From pricing to benefits and more, here’s what you need to know.
Finding the right health insurance for you and your family can seem like a scary prospect, and the explanations can be complicated and confusing.
The Insurance Twins want to make the process of finding the perfect plan as simple as possible.
Every person/family is different. Some have more medical needs than others. How often do you need to visit your doctor or specialists? What recipes do you need? Will you need maternity services? This is what to consider:
What are you going to pay?
Take a close look at the premium, deductible, and copay for each plan.
Your premium is what you pay monthly (or in full).
Your deductible is what you pay out-of-pocket before insurance covers the costs.

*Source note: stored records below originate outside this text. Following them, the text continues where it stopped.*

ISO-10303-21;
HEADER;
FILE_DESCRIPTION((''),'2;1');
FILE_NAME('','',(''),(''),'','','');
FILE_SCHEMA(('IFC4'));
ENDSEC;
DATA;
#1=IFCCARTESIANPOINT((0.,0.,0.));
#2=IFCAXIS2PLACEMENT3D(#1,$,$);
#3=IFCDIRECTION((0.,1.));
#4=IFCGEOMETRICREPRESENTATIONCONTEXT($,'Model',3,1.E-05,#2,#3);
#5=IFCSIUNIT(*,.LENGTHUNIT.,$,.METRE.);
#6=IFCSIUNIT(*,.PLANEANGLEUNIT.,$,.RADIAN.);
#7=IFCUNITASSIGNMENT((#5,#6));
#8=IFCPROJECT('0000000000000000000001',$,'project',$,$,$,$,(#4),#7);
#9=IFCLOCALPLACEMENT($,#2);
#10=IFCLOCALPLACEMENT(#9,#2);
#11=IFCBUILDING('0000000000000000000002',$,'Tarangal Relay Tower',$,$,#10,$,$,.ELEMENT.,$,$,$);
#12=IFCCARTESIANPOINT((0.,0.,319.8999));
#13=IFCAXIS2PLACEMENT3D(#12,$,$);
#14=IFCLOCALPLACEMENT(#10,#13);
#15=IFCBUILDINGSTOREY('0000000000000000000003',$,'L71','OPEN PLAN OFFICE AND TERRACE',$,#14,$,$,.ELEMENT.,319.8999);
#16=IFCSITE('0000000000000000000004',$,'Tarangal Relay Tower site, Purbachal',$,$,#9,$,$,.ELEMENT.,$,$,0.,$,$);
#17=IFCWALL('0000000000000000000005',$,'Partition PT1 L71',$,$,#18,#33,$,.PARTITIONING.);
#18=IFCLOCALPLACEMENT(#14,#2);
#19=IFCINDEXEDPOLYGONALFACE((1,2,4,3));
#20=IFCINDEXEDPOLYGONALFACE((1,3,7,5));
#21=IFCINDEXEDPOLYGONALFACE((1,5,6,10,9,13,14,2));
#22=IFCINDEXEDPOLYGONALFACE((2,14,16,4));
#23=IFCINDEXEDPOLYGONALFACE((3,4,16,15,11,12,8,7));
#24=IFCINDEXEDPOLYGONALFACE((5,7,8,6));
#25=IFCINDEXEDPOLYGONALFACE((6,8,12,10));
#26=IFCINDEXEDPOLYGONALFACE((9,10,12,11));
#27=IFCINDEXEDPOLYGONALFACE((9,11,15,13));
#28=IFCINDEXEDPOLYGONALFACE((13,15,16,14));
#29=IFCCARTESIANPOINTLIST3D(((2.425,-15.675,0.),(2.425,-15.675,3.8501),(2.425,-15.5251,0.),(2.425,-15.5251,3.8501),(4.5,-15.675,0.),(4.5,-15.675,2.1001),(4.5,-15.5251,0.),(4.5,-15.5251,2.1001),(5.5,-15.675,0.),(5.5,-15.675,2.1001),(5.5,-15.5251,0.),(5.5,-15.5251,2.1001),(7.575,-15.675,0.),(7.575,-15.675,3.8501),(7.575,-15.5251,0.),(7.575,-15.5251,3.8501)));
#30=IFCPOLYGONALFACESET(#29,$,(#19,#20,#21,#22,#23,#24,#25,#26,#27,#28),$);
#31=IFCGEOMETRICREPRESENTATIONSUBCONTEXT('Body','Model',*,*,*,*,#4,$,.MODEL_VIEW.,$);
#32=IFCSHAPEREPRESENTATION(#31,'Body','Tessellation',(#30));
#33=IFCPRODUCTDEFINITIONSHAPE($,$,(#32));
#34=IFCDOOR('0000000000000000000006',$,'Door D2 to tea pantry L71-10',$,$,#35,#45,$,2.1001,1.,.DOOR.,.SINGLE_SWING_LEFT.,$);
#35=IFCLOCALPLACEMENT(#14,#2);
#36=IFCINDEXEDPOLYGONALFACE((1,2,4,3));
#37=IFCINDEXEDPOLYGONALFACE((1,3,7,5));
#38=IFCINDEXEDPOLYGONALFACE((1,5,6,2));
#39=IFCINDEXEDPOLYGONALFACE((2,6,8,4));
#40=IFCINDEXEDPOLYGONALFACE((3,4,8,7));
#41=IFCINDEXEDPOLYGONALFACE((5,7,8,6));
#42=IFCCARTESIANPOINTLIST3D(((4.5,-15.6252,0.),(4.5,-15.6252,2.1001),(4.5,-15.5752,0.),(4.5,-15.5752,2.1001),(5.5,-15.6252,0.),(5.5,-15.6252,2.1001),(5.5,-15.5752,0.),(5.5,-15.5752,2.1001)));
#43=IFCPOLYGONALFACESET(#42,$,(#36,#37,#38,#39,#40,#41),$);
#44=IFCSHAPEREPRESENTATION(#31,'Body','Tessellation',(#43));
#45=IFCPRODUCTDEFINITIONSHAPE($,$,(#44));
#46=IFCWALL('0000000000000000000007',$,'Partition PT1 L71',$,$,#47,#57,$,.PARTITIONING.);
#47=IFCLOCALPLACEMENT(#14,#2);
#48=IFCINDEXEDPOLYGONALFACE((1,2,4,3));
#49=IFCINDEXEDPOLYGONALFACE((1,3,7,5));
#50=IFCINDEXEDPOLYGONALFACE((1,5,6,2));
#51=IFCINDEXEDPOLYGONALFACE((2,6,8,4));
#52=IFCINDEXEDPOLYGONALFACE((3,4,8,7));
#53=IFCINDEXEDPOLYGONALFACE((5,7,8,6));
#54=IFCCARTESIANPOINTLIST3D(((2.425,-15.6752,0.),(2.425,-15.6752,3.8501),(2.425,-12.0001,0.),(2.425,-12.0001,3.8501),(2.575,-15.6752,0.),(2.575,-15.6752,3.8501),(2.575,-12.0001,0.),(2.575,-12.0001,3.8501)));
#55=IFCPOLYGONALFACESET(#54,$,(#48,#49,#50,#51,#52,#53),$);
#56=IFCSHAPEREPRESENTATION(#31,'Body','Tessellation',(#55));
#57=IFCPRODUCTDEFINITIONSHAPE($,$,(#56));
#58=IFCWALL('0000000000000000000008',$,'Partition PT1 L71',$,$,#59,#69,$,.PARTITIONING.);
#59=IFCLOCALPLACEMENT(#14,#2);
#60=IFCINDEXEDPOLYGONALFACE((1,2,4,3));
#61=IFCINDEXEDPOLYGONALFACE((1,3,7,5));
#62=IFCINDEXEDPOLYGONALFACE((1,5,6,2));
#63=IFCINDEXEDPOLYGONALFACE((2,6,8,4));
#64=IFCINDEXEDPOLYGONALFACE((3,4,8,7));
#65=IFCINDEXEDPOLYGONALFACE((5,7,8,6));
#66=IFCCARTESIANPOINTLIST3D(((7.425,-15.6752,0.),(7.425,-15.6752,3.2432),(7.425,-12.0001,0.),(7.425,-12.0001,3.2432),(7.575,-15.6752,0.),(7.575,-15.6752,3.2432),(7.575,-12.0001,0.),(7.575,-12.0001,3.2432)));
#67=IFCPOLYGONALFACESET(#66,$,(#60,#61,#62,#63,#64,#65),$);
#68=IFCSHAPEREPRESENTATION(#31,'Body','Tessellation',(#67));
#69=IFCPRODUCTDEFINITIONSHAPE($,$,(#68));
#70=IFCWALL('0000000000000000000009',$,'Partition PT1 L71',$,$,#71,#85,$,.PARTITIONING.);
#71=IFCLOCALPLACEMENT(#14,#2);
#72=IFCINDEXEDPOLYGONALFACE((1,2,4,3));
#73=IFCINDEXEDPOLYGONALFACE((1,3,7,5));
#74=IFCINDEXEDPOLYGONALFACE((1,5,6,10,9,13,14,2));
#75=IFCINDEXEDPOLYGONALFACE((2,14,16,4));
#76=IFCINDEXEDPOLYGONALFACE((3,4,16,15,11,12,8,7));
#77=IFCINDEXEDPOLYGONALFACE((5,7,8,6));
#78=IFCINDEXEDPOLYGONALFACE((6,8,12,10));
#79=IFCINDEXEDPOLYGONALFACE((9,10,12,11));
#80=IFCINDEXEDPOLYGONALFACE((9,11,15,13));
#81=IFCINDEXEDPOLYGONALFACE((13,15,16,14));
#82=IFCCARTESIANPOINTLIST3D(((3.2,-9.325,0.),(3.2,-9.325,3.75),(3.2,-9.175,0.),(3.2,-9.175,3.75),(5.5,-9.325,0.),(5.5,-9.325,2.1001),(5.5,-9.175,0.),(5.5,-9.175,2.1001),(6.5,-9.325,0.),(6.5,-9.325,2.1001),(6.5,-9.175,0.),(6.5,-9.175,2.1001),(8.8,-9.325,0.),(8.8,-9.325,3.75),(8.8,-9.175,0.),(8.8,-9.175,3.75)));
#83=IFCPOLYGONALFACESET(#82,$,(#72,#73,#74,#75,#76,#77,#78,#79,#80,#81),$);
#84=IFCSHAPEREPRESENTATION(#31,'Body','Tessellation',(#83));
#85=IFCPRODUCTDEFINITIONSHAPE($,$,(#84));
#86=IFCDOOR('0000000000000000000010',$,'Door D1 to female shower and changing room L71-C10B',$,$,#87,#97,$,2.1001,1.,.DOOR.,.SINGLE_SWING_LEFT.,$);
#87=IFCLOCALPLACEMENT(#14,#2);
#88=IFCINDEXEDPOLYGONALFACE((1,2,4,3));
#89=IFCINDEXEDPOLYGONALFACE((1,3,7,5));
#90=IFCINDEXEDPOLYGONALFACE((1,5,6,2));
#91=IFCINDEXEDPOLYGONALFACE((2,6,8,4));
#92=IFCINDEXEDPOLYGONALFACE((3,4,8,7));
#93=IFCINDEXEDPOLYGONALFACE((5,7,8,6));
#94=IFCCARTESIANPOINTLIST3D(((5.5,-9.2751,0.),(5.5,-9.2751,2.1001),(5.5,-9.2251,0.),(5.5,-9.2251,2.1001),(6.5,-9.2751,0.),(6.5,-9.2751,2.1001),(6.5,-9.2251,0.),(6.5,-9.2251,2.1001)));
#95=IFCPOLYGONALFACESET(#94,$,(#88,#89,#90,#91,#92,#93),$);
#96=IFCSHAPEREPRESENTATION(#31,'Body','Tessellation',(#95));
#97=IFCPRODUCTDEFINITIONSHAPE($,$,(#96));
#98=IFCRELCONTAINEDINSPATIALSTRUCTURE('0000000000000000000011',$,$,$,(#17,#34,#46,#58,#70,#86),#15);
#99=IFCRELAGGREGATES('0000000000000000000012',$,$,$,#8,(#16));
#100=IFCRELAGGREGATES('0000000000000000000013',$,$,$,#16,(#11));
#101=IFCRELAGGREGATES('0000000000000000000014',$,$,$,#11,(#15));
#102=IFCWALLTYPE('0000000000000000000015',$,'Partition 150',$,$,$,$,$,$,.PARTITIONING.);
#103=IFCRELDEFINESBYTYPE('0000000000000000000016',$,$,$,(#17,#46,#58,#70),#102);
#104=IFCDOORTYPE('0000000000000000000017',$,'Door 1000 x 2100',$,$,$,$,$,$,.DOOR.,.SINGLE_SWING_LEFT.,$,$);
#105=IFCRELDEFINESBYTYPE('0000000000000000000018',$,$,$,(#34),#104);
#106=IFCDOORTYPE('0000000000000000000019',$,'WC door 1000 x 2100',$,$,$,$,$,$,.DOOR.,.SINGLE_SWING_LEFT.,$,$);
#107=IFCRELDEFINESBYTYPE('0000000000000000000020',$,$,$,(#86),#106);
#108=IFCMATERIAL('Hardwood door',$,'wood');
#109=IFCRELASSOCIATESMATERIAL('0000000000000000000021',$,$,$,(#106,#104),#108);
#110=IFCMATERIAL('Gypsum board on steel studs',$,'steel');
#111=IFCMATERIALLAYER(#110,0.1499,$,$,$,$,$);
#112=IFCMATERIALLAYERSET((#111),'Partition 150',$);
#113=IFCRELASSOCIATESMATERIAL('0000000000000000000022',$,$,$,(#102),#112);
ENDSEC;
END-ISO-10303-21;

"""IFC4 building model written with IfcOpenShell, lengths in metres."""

from ifc_helpers import new_model, si_unit, direction, frame, frame_2d, origin, place, context, subcontext, project, spatial, rectangle, extrude, material, layer, layer_set, type_object, element, fill, save


model = new_model("IFC4")

# Units and contexts
model_context = context("Model", 3, precision=1e-05, world=origin(), true_north=direction((0.0, 1.0)))
body_context = subcontext(model_context, "Body", "Model", "MODEL_VIEW")
ifc_project = project(units=[si_unit("LENGTHUNIT", "METRE"), si_unit("PLANEANGLEUNIT", "RADIAN")], contexts=[model_context])

# Site, building, storey
site_placement = place(None, origin())
site = spatial("IfcSite", under=ifc_project, at=site_placement, Name="Tarangal Relay Tower site, Purbachal", CompositionType="ELEMENT", RefElevation=0.0)
building_placement = place(site_placement, origin())
building = spatial("IfcBuilding", under=site, at=building_placement, Name="Tarangal Relay Tower", CompositionType="ELEMENT")
storey_placement = place(building_placement, frame((0.0, 0.0, 319.8999)))
storey = spatial("IfcBuildingStorey", under=building, at=storey_placement, Name="L71", Description="OPEN PLAN OFFICE AND TERRACE", CompositionType="ELEMENT", Elevation=319.8999)

# Shared definitions
ifc_material_1 = material(Name="Hardwood door", Category="wood")
door_type_1 = type_object("IfcDoorType", Name="WC door 1000 x 2100", OperationType="SINGLE_SWING_LEFT", PredefinedType="DOOR", material=ifc_material_1)

# Wall, opening, door
ifc_material_2 = material(Name="Gypsum board on steel studs", Category="steel")
ifc_layer_1 = layer(ifc_material_2, 0.1499)
ifc_layer_set_1 = layer_set([ifc_layer_1], Name="Partition 150")
wall_type_1 = type_object("IfcWallType", Name="Partition 150", PredefinedType="PARTITIONING", material=ifc_layer_set_1)
wall_1_placement = place(storey_placement, frame((2.425, -15.6001, 0.0), z_axis=(0.0, 0.0, 1.0), x_axis=(1.0, 0.0, 0.0)))
wall_1 = element("IfcWall", 1, at=wall_1_placement, inside=storey, type_object=wall_type_1, Name="Partition PT1 L71", PredefinedType="PARTITIONING", context=body_context, shape_type="SweptSolid", body=[
    extrude(rectangle(XDim=5.1499, YDim=0.1499, at=frame_2d((2.575, 0.0))), origin(), (0.0, 0.0, 1.0), 3.8501),
])
opening_1_placement = place(wall_1_placement, frame((2.075, 0.0, 0.0)))
opening_1 = element("IfcOpeningElement", 2, at=opening_1_placement, cuts=wall_1, PredefinedType="OPENING", context=body_context, shape_type="SweptSolid", body=[
    extrude(rectangle(XDim=1.0, YDim=2.1001, at=frame_2d((0.5, 1.05))), frame((0.0, 0.085, 0.0), z_axis=(0.0, -1.0, 0.0), x_axis=(1.0, 0.0, 0.0)), (0.0, 0.0, 1.0), 0.1699),
])
door_type_2 = type_object("IfcDoorType", Name="Door 1000 x 2100", OperationType="SINGLE_SWING_LEFT", PredefinedType="DOOR", material=ifc_material_1)
door_1_placement = place(opening_1_placement, origin())
door_1 = element("IfcDoor", 3, at=door_1_placement, inside=storey, type_object=door_type_2, Name="Door D2 to tea pantry L71-10", OperationType="SINGLE_SWING_LEFT", OverallHeight=2.1001, OverallWidth=1.0, PredefinedType="DOOR", context=body_context, shape_type="SweptSolid", body=[
    extrude(rectangle(XDim=1.0, YDim=2.1001, at=frame_2d((0.5, 1.05))), frame((0.0, 0.0249, 0.0), z_axis=(0.0, -1.0, 0.0), x_axis=(1.0, 0.0, 0.0)), (0.0, 0.0, 1.0), 0.05),
])
fill(opening_1, door_1)

# Walls
wall_2_placement = place(storey_placement, frame((2.5, -15.675, 0.0), z_axis=(0.0, 0.0, 1.0), x_axis=(0.0, 1.0, 0.0)))
element("IfcWall", 4, at=wall_2_placement, inside=storey, type_object=wall_type_1, Name="Partition PT1 L71", PredefinedType="PARTITIONING", context=body_context, shape_type="SweptSolid", body=[
    extrude(rectangle(XDim=3.675, YDim=0.1499, at=frame_2d((1.8374, 0.0))), origin(), (0.0, 0.0, 1.0), 3.8501),
])
wall_3_placement = place(storey_placement, frame((7.5, -15.675, 0.0), z_axis=(0.0, 0.0, 1.0), x_axis=(0.0, 1.0, 0.0)))
element("IfcWall", 5, at=wall_3_placement, inside=storey, type_object=wall_type_1, Name="Partition PT1 L71", PredefinedType="PARTITIONING", context=body_context, shape_type="SweptSolid", body=[
    extrude(rectangle(XDim=3.675, YDim=0.1499, at=frame_2d((1.8374, 0.0))), origin(), (0.0, 0.0, 1.0), 3.2432),
])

Your copay is the amount you pay to visit a doctor, specialist, emergency departments, and urgent care. The more you pay in premium, the less you pay in copayments and vice versa.
What is a network?
Some plans will cover visits to any doctor, while other plans are limited to specific doctors. When comparing plans, make sure your doctor is in your network so your services are covered by the plan. If you visit a doctor not included in your plan (out of network), you will pay for their services out of your own pocket.
How much?
You are probably aware that you pay a monthly amount (premium) for health insurance, but that does not mean that your health care is then free. That’s when it can seem complicated. Copays, coinsurance, deductibles, oh my! Making sure you get the right insurance for you at an affordable rate is easier when you understand these terms.
A copayment is the fixed amount you pay after your deductible for covered health care services. For example, if it costs $75 to visit your primary care doctor and your copay is $20, you only pay the $20 if you’ve met your deductible. If you have not met your deductible, you will pay the full $75 for the visit.

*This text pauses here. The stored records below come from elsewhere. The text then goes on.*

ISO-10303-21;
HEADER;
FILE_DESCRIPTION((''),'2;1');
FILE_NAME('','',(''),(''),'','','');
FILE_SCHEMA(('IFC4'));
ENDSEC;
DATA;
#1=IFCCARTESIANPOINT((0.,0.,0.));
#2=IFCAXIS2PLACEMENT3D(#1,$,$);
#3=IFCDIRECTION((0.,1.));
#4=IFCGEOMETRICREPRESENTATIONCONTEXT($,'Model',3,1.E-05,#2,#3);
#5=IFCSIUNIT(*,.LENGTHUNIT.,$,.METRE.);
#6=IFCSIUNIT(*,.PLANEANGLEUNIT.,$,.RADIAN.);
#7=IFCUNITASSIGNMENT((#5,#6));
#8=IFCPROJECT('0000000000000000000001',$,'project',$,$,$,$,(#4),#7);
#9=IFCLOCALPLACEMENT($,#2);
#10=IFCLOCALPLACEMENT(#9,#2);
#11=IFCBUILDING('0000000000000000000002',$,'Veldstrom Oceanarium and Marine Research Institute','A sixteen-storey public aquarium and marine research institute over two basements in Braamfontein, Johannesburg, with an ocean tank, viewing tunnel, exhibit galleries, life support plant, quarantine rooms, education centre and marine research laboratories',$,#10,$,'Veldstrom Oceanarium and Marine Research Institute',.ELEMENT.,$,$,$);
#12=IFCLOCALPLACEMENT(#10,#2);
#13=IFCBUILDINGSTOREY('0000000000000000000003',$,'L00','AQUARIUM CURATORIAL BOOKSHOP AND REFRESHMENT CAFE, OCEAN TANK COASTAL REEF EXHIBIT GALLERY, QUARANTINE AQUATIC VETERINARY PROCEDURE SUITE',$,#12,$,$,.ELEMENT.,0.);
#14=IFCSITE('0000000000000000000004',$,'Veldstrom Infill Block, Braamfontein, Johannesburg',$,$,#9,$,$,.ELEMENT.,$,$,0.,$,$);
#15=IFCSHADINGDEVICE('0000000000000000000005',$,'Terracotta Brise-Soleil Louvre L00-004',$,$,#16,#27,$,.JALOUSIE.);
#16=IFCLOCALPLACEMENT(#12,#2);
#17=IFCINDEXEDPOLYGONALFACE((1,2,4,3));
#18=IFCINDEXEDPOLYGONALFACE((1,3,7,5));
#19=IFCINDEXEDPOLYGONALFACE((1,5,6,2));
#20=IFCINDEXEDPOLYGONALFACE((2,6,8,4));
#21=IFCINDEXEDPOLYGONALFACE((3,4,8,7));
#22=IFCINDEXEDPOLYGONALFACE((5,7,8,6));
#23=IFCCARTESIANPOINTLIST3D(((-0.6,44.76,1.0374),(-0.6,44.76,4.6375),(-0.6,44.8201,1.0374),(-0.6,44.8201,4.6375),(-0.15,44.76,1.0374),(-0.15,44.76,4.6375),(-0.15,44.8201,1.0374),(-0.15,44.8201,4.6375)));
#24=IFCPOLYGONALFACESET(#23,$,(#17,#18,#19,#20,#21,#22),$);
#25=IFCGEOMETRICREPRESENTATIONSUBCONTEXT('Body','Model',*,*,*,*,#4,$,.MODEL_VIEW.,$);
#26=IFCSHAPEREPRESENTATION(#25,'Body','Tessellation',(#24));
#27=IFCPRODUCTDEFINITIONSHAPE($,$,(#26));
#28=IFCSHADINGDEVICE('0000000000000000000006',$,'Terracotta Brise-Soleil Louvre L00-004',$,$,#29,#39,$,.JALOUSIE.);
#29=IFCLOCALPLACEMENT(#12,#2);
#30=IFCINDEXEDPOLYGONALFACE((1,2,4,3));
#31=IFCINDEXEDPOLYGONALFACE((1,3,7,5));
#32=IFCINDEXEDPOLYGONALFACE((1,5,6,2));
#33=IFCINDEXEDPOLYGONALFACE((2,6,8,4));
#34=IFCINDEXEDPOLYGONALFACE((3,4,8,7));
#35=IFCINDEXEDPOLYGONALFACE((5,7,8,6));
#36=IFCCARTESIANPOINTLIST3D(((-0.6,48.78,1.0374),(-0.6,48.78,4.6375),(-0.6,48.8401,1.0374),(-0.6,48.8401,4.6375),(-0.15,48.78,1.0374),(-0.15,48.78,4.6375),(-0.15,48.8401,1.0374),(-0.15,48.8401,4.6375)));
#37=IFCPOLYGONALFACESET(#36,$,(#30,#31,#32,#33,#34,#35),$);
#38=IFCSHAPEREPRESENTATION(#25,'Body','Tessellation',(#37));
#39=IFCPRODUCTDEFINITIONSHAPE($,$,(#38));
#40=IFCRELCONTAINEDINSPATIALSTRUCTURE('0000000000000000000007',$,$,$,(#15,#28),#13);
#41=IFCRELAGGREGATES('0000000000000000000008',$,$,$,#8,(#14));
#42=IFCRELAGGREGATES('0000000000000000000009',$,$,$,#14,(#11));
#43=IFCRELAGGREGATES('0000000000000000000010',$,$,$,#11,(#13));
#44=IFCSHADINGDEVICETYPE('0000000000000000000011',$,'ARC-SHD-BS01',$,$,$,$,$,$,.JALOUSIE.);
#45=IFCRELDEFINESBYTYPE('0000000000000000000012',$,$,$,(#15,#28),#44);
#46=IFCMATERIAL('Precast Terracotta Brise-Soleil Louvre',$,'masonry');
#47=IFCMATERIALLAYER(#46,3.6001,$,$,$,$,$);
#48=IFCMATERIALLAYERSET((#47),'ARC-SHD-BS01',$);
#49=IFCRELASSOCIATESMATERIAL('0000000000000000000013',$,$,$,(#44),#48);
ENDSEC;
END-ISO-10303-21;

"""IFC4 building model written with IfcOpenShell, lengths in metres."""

from ifc_helpers import new_model, si_unit, direction, frame, origin, origin_2d, place, context, subcontext, project, spatial, rectangle, extrude, material, layer, layer_set, type_object, element, save


model = new_model("IFC4")

# Units and contexts
model_context = context("Model", 3, precision=1e-05, world=origin(), true_north=direction((0.0, 1.0)))
body_context = subcontext(model_context, "Body", "Model", "MODEL_VIEW")
ifc_project = project(units=[si_unit("LENGTHUNIT", "METRE"), si_unit("PLANEANGLEUNIT", "RADIAN")], contexts=[model_context])

# Site, building, storey
site_placement = place(None, origin())
site = spatial("IfcSite", under=ifc_project, at=site_placement, Name="Veldstrom Infill Block, Braamfontein, Johannesburg", CompositionType="ELEMENT", RefElevation=0.0)
building_placement = place(site_placement, origin())
building = spatial("IfcBuilding", under=site, at=building_placement, Name="Veldstrom Oceanarium and Marine Research Institute", Description="A sixteen-storey public aquarium and marine research institute over two basements in Braamfontein, Johannesburg, with an ocean tank, viewing tunnel, exhibit galleries, life support plant, quarantine rooms, education centre and marine research laboratories", LongName="Veldstrom Oceanarium and Marine Research Institute", CompositionType="ELEMENT")
storey_placement = place(building_placement, origin())
storey = spatial("IfcBuildingStorey", under=building, at=storey_placement, Name="L00", Description="AQUARIUM CURATORIAL BOOKSHOP AND REFRESHMENT CAFE, OCEAN TANK COASTAL REEF EXHIBIT GALLERY, QUARANTINE AQUATIC VETERINARY PROCEDURE SUITE", CompositionType="ELEMENT", Elevation=0.0)

# Shading devices
ifc_material_1 = material(Name="Precast Terracotta Brise-Soleil Louvre", Category="masonry")
ifc_layer_1 = layer(ifc_material_1, 3.6001)
ifc_layer_set_1 = layer_set([ifc_layer_1], Name="ARC-SHD-BS01")
shading_device_type = type_object("IfcShadingDeviceType", Name="ARC-SHD-BS01", PredefinedType="JALOUSIE", material=ifc_layer_set_1)
for number, where, z_axis, x_axis, name in (
    (1, (-0.375, 44.79, 1.0374), (0.0, 0.0, 1.0), (1.0, 0.0, 0.0), "Terracotta Brise-Soleil Louvre L00-004"),
    (2, (-0.375, 48.8101, 1.0374), (0.0, 0.0, 1.0), (1.0, 0.0, 0.0), "Terracotta Brise-Soleil Louvre L00-004"),
):
    element("IfcShadingDevice", number, at=place(storey_placement, frame(where, z_axis=z_axis, x_axis=x_axis)), inside=storey, type_object=shading_device_type, Name=name, PredefinedType="JALOUSIE", context=body_context, shape_type="SweptSolid", body=[
        extrude(rectangle(XDim=0.45, YDim=0.0601, at=origin_2d()), origin(), (0.0, 0.0, 1.0), 3.6001),
    ])

save(model, "model.ifc")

In general, the higher your monthly premium, the lower your deductible, and vice versa.
Your deductible is the cost you pay for health care services before your insurance begins to cover any expenses.
For example, let’s say you have a deductible of $2,000. First, you have a $1,000 emergency room visit for a broken arm. Unfortunately, that broken arm was not put together properly and you will need surgery. If that surgery costs more than $1,000, your insurance will start to pay a percentage of the remaining cost. This is called coinsurance. Different plans have different percentage splits. Therefore, if your plan’s coinsurance is 70/30, you pay 70% of the remaining cost while your insurance pays the remaining 30%.
This is the maximum amount you will spend in a year before insurance covers eligible health care services 100%. Out-of-pocket maximums or OOPs are a combination of the amount you pay before hitting your deductible, your copays, and your coinsurance.
As with copays, the higher your monthly premium, the lower your OOP maximum, and vice versa.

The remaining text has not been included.